Peeking through the window: Fingerprinting Browser Extensions through Page-Visible Execution Traces and Interactions

Extension Dataset used for Evaluation:

As discussed in Section 5 of the paper, we ran our fingerprinting tests on three different extension dataset. We make these extensions publicly available here - https://swag.cispa.saarland/extensions/dataset.tar.

The dataset.tar contains three sub-files - carnus.tar.gz, raider.tar.gz and firefox.tar.gz, corresponding to each of the three datasets. Please refer to Table 1 in the paper for more details on the dataset.
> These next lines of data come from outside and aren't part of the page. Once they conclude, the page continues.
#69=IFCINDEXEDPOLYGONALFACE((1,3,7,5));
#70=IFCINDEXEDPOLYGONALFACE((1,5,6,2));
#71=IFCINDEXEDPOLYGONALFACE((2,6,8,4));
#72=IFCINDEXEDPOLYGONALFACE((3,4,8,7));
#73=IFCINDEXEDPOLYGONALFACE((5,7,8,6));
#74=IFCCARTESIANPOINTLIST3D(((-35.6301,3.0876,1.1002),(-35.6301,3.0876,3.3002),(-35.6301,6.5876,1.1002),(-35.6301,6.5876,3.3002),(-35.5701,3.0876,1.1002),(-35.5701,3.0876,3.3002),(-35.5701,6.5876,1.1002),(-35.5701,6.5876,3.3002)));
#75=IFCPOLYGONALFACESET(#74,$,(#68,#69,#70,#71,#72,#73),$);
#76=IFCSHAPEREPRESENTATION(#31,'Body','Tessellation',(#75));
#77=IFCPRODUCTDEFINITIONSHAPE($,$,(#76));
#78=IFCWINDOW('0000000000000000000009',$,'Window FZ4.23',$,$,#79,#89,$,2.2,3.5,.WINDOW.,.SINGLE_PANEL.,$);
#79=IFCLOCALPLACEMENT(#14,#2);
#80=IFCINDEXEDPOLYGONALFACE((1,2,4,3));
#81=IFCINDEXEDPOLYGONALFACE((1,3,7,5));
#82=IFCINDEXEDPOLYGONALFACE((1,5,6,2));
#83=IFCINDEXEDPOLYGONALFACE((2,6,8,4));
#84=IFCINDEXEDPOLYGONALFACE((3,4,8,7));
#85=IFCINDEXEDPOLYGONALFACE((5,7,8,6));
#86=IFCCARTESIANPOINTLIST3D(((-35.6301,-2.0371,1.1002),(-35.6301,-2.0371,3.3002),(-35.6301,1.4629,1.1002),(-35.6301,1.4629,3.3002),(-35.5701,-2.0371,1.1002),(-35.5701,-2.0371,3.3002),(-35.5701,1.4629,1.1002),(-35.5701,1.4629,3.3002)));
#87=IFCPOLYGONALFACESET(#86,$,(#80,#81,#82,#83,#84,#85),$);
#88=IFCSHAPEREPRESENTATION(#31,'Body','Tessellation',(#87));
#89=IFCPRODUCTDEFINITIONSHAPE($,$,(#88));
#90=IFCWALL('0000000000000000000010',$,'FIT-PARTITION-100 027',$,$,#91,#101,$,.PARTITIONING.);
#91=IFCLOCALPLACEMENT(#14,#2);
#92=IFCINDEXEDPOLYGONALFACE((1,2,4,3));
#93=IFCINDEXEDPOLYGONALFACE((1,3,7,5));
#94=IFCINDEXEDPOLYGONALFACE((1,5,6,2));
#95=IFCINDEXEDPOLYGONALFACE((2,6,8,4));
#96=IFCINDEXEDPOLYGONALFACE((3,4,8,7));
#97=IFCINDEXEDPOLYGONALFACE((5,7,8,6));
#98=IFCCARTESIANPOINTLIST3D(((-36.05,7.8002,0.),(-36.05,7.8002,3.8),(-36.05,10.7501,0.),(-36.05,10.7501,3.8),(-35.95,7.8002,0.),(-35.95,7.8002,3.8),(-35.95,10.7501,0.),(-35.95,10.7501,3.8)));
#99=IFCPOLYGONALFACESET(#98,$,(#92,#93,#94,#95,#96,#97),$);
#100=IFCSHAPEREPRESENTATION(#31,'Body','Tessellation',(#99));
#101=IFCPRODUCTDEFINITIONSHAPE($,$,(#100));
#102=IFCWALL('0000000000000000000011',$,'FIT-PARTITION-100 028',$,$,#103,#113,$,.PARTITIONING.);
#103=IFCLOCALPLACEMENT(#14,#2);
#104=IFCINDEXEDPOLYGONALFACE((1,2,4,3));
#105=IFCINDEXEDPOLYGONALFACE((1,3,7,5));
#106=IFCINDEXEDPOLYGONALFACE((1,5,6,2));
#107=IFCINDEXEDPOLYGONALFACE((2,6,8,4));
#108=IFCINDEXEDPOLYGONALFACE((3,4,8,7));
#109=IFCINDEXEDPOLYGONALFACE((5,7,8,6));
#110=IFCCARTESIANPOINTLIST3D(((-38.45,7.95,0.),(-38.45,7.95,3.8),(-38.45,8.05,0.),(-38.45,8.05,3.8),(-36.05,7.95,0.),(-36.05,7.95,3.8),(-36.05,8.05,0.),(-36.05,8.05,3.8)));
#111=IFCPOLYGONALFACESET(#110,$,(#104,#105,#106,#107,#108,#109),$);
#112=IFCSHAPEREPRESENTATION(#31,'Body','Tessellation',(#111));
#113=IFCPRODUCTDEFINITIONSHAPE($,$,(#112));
The list of extensions that our tool, Raider, reported to be fingerprintable for different extension datasets in our study are available in the fingerprintable_extensions directory.
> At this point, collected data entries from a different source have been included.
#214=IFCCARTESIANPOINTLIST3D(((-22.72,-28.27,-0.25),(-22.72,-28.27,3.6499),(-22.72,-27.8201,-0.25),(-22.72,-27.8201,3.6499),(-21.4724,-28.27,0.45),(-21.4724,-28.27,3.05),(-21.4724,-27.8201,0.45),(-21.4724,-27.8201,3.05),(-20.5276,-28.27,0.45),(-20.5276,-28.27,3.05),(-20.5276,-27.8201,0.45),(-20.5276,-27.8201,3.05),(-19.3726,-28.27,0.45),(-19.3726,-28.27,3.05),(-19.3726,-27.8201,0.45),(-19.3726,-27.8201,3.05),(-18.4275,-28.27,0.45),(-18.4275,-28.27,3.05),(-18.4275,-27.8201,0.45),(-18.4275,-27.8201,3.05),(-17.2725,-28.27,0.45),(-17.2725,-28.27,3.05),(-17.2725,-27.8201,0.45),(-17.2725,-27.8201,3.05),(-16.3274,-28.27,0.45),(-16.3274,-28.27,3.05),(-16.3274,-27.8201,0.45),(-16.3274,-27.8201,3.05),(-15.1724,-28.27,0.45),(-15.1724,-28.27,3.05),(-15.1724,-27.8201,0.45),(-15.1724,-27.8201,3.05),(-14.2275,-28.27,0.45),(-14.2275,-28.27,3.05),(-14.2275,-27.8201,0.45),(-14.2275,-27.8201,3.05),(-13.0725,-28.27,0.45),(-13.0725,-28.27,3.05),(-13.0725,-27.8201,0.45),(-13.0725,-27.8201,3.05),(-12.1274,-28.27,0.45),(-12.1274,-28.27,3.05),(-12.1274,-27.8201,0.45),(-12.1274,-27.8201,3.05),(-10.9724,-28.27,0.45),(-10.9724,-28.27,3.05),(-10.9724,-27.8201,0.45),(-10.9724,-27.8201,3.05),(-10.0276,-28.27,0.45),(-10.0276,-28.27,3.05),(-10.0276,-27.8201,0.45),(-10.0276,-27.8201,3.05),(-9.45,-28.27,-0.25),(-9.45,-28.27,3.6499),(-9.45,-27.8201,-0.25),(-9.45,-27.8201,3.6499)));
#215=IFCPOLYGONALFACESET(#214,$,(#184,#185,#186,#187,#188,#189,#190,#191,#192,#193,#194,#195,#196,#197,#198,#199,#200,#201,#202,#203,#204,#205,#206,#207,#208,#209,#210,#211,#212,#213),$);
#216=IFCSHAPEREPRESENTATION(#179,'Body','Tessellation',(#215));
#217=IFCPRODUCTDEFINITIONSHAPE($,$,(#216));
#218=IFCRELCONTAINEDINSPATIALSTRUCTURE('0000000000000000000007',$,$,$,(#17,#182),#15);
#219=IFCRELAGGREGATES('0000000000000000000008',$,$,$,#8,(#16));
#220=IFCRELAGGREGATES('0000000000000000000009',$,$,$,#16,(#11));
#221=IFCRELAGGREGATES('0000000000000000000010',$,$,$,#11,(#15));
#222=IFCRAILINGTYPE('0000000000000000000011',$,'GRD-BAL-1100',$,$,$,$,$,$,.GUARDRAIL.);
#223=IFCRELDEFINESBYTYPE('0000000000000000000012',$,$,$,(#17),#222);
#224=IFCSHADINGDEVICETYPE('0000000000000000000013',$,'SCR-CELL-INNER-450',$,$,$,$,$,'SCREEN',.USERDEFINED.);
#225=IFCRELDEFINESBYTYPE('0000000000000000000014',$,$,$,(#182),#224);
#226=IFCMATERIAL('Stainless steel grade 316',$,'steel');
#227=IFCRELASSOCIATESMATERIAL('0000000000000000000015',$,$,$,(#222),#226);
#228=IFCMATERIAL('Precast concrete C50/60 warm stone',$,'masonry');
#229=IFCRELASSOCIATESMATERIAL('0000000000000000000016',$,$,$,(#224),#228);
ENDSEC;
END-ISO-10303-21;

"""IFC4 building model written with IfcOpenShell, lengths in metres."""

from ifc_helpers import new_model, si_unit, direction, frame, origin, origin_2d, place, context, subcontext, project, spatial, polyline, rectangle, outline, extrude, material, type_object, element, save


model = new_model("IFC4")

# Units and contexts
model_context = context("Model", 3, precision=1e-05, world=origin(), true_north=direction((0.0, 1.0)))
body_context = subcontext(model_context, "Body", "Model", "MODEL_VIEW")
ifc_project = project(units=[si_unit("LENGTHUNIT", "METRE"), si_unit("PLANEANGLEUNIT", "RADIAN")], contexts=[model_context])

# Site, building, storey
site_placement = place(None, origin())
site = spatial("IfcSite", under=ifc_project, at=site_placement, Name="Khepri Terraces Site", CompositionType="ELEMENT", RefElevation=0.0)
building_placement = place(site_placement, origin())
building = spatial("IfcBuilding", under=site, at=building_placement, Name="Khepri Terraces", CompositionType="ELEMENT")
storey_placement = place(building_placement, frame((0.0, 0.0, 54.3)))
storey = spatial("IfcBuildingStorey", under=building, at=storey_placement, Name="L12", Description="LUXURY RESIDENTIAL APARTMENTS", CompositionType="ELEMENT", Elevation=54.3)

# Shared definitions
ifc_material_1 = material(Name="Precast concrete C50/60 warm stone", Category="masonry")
Note: The dataset.tar is a large file (143G) and may take some time to download. Further, unzipping the file and the three sub-file will require ~250 GB of disk space.


Test Pages used for Evaluation:

The test pages that we used for evaluation are available in the pages/honey directory. We also provide the test page used by Karami et al. [24], (i.e., carnus.html) for comparitive purposes.


Data-collection Framework:

The data collection framework is available in the src directory.


Demo: Script-injection order:

We provide with the example set of extensions in MV2 and MV3 and a test page to test with the script-injection order of extensions with different configuration and at different injection point in the tests directory. This is important for our study as in most cases, the attacker web page wil be able to capture the execution traces of the extenion-injected script.


Relevant Global JavaScript APIs & Properties:

The hooks.json file contains the list of Global JavaScript APIs and properties we instrumented for this study to capture any extension-induced traces at runtime.